# What's some inexpensive, healthy food?



## ratsrcute (Oct 27, 2007)

I'm interested in how much money I could save. Right now I'm single and probably spend $160/week on food.. which includes lots of inefficient things like snack bars, lots of organic produce from higher-end stores, but hardly any restaurant eating. I need to save some money, but I would still like to eat a balanced diet including lots of fruits/veggies and organic where possible (there are certain fruits/vegetables that contain very little pesticide and you don't have to get those organic... I misplaced the list but I have it somewhere).

Also, I'm on an allergy elimination diet so no corn, soy, wheat, dairy, eggs, peanuts, and certain types of beans.

Okay, the good news is that certain very cheap staples, like rice, black beans, lentils, etc. are okay for my diet.

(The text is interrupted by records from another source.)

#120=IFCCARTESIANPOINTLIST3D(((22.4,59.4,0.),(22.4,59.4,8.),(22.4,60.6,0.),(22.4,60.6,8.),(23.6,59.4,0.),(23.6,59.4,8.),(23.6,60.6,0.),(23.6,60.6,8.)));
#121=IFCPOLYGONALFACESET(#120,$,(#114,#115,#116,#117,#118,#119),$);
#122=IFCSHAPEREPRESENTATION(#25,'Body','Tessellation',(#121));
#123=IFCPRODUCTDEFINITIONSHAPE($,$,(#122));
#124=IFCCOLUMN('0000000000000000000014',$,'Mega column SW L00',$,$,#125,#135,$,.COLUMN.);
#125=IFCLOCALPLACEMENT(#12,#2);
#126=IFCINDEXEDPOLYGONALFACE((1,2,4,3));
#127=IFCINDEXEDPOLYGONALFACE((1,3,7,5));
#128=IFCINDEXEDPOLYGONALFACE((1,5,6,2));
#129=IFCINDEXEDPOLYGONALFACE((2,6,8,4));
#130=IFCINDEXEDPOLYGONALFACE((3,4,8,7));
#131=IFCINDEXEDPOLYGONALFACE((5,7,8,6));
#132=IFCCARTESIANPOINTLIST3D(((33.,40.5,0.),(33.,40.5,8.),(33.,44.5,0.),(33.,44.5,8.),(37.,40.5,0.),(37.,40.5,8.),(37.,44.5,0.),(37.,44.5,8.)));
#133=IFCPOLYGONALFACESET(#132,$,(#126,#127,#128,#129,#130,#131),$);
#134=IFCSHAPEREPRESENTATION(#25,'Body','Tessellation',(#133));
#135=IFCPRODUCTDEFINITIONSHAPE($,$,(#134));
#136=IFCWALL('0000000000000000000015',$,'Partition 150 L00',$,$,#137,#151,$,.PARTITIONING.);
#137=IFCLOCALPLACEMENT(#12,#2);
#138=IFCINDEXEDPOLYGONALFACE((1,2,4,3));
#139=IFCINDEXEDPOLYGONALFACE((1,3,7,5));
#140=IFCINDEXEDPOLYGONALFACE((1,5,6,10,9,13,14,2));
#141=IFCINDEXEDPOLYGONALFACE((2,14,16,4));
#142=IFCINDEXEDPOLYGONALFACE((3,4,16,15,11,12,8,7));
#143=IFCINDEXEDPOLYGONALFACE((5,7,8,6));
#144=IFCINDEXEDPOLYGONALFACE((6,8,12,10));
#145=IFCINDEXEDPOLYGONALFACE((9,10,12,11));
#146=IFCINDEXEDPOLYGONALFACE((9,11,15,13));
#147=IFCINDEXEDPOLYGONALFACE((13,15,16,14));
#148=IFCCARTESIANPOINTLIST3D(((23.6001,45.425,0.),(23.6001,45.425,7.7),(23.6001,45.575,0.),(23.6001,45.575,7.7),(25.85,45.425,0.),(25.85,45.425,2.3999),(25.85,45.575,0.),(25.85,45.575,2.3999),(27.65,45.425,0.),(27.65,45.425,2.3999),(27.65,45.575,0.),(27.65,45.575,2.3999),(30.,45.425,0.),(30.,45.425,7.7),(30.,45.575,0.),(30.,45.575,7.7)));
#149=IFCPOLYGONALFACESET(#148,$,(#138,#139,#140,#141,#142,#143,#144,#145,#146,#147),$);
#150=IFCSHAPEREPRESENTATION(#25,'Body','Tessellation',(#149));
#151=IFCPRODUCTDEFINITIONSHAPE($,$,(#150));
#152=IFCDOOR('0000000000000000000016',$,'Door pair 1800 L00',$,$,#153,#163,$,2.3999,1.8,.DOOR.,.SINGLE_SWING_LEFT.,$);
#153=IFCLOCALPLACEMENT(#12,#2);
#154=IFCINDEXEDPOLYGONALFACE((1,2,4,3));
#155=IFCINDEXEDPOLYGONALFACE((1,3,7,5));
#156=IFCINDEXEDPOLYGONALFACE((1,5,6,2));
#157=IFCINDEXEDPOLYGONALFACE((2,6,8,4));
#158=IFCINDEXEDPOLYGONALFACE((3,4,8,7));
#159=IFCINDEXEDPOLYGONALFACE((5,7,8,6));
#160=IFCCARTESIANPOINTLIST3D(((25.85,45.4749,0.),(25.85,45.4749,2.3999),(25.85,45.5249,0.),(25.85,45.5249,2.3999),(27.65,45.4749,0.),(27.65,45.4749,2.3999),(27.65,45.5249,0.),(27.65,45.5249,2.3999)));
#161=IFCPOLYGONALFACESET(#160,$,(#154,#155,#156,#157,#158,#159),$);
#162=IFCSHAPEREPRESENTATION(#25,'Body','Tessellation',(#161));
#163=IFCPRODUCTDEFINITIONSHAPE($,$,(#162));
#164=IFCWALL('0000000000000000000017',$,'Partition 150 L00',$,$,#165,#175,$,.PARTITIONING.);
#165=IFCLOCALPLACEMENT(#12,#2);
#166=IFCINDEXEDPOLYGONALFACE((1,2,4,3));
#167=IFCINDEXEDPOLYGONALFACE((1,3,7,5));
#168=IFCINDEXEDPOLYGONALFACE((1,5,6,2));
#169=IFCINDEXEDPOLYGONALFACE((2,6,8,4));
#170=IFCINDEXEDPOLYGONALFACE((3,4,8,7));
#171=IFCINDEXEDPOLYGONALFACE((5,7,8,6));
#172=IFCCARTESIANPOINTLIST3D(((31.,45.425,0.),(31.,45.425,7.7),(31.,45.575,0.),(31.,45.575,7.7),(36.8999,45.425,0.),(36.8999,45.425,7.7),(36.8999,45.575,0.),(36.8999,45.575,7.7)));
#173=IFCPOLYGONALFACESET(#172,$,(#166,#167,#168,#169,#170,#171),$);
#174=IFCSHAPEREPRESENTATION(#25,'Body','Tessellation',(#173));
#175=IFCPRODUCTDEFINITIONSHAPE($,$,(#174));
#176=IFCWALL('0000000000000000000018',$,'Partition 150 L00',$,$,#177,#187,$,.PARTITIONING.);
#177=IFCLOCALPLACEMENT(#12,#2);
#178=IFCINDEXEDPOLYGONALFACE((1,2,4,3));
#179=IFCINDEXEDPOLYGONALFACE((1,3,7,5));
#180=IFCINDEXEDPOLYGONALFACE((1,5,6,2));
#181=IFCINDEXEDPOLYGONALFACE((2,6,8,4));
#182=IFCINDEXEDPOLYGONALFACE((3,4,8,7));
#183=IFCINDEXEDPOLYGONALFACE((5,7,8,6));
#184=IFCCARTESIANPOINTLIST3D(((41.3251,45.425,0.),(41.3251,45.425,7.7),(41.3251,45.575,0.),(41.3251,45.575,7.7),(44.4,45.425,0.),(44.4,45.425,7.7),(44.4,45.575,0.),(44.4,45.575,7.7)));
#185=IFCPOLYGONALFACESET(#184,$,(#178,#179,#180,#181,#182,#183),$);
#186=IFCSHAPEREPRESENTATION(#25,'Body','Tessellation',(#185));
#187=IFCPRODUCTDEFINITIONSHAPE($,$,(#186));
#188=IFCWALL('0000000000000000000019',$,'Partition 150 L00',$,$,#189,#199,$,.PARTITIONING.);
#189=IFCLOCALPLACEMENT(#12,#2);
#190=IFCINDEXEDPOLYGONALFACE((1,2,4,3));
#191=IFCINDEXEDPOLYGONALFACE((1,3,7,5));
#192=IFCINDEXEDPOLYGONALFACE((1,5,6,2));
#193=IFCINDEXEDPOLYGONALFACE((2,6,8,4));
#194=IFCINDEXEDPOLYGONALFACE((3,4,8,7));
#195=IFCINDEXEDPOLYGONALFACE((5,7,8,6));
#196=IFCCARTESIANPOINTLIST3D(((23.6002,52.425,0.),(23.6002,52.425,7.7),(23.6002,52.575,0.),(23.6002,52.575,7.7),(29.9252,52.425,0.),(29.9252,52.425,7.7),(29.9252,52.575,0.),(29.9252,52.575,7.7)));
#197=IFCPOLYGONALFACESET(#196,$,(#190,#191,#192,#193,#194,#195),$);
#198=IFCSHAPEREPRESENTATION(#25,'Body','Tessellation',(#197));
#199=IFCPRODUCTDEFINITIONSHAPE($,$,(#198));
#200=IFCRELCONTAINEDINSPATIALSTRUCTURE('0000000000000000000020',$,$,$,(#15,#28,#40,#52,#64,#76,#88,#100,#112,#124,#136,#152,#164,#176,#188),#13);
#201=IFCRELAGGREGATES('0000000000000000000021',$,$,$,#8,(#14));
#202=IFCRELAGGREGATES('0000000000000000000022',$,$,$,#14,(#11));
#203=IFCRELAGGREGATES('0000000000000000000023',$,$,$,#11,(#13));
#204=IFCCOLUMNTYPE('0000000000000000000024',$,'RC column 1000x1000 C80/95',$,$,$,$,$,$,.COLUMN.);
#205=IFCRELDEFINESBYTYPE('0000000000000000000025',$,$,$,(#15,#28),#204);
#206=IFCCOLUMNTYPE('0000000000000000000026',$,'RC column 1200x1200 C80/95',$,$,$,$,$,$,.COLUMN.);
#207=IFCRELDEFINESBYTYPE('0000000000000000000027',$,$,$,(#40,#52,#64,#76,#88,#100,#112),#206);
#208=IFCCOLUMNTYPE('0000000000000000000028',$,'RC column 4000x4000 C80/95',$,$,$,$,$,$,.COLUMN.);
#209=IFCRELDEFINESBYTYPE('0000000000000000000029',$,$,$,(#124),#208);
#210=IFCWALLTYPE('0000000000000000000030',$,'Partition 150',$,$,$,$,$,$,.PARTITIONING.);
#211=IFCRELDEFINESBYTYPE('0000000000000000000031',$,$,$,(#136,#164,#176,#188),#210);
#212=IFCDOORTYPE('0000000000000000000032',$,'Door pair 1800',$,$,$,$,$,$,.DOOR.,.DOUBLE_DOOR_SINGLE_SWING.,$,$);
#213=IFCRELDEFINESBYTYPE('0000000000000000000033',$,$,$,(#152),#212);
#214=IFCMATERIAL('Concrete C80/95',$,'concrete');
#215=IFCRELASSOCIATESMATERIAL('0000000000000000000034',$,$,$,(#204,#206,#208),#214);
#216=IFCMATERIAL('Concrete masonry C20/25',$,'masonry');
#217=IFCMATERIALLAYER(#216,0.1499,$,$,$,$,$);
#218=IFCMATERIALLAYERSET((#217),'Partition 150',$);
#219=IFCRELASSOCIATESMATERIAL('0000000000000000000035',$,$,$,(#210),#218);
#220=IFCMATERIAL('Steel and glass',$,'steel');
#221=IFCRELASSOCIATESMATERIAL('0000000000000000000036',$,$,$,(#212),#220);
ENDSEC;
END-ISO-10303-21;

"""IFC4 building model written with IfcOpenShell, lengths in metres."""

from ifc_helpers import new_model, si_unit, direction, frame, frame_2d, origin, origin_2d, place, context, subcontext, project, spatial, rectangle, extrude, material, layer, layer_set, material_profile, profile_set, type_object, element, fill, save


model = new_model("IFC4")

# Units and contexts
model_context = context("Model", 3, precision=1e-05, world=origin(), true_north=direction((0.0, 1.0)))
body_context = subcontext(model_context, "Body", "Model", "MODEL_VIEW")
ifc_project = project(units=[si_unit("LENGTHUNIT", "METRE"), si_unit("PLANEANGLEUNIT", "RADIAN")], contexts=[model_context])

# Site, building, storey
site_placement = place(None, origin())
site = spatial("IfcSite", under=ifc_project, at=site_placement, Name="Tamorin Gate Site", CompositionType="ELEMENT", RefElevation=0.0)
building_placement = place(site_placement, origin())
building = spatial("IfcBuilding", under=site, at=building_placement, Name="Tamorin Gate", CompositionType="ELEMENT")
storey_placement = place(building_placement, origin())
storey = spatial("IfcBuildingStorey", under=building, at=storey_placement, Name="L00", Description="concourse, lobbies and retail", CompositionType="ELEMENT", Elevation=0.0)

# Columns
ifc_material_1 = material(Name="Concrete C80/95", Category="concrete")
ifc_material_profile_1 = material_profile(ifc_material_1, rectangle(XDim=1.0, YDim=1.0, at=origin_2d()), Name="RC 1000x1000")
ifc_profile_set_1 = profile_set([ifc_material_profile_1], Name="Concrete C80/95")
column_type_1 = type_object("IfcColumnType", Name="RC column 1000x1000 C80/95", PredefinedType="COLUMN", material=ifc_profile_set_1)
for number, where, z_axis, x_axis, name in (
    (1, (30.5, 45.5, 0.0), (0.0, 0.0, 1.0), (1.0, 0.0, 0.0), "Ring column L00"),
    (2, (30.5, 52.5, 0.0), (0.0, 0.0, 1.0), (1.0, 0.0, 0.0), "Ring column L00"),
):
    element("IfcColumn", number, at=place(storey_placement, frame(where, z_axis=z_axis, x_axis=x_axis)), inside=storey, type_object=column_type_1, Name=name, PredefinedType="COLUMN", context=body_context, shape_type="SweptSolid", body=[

I can also have a lot of nuts... almonds are $6/pound conventional, and I can make my own almond milk. I can have millet and quinoa. I think they are pretty cheap in terms of the amount of food you can get from them.

So the major expense becomes fruits and veggies. Note: I'm not looking for how to live on $20/week. $100/week is more like it. I just need some help strategizing where to spend money on fruits/veggies so the expense doesn't run up, and so I can still get a lot of organic. 

I would still like to eat nice food, with varied flavors, spices, etc. I'd still like convenience to some extent.. for example, buying stock is very convenient.

Thanks,
Mike


----------



## bethzaring (Oct 28, 2007)

just yesterday I picked up a 50 pound bag of organic rolled oats that I had ordered.  This will last dh and me about one year.  I grind to a flour, in my food processor,  a significant portion of the oats and use this oat flour in pancakes, cookies and breads.  Dh has a very large bowl of cooked oatmeal for breakfasts on week days.  I fix pancakes on the weekends.  The bag cost $40.  Last year it cost $32.  This pretty much takes care of breakfasts for a whole year.  Plus having the oat flour as an ingredient for baked goods.  I think this is exceedingly inexpensive.


----------



## kadesma (Oct 28, 2007)

Buying organics can be expensive, but, if you shop sales on those fruits and veggies, you can do pretty well. I only buy what I feel we will use, this way we can change from week to week, no spoilage or waste and you don't get bored eating the same thing over and over..Watch the papers for cupons and sale items and most of all, while shopping just enjoy the adventure of trying new things,  one or two to see if you like them..
kadesma


----------



## GotGarlic (Oct 28, 2007)

Do you have the space and the desire to grow some of your own food? We have a small square garden where right now we have planted several types of lettuce, spinach, onions, and bok choy, so we won't have to purchase those for months. I have friends who grow enough greens for their family in a 16-inch or so round clay container on their back porch. And during the summer, we grew tomatoes, cucumbers, bell peppers, tomatillos, and jalapenos.

This document looks like a good source of info about which foods are more susceptible to harboring pesticide residue: Organic Food: 12 organic foods worth the expense, 12 that aren't on MedicineNet.com 

Wal-Mart carries some organic produce, probably at a lower price than high-end grocery stores. The boxed broths are much cheaper there, too.

If there's an Asian market in your area, you could stock up on rice, rice noodles, and spring roll wrappers. Asian cuisines are filled with dishes containing lots of veggies, relatively small amounts of meat, and rice products.

btw, I did some research on antibiotics and hormones in meats a few years ago and was interested to find out that antibiotics are processed by the body and don't leave residue in the meat, and animal hormones can't be absorbed by humans.

HTH.


----------



## miniman (Oct 28, 2007)

Try growing some of your own stuff. You don't say where you come from, but if you have any sort of a garden you can certainly grow your own herbs and some vegetables. Here in the UK you can rent an allotment for vegetable & fruit growing - some years, we grow all our own onions & potatoes. Beans are productive and you can freeze them.

We also have box schemes for organic vegetables - where you can get a variety of vegetables at a set price.

Look around for markets or farmer outlets - some specialise in organic food and will be fresher & often cheaper than the stores.

Some of supermarkets have seconds areas where the fruit & veg is cheaper because it doesn't look as pretty but still tastes good.

Make friends with someone who does grow their own stuff, particularly if they have fruit trees - some times people have such an overwhelming surfeit, they give stuff away. 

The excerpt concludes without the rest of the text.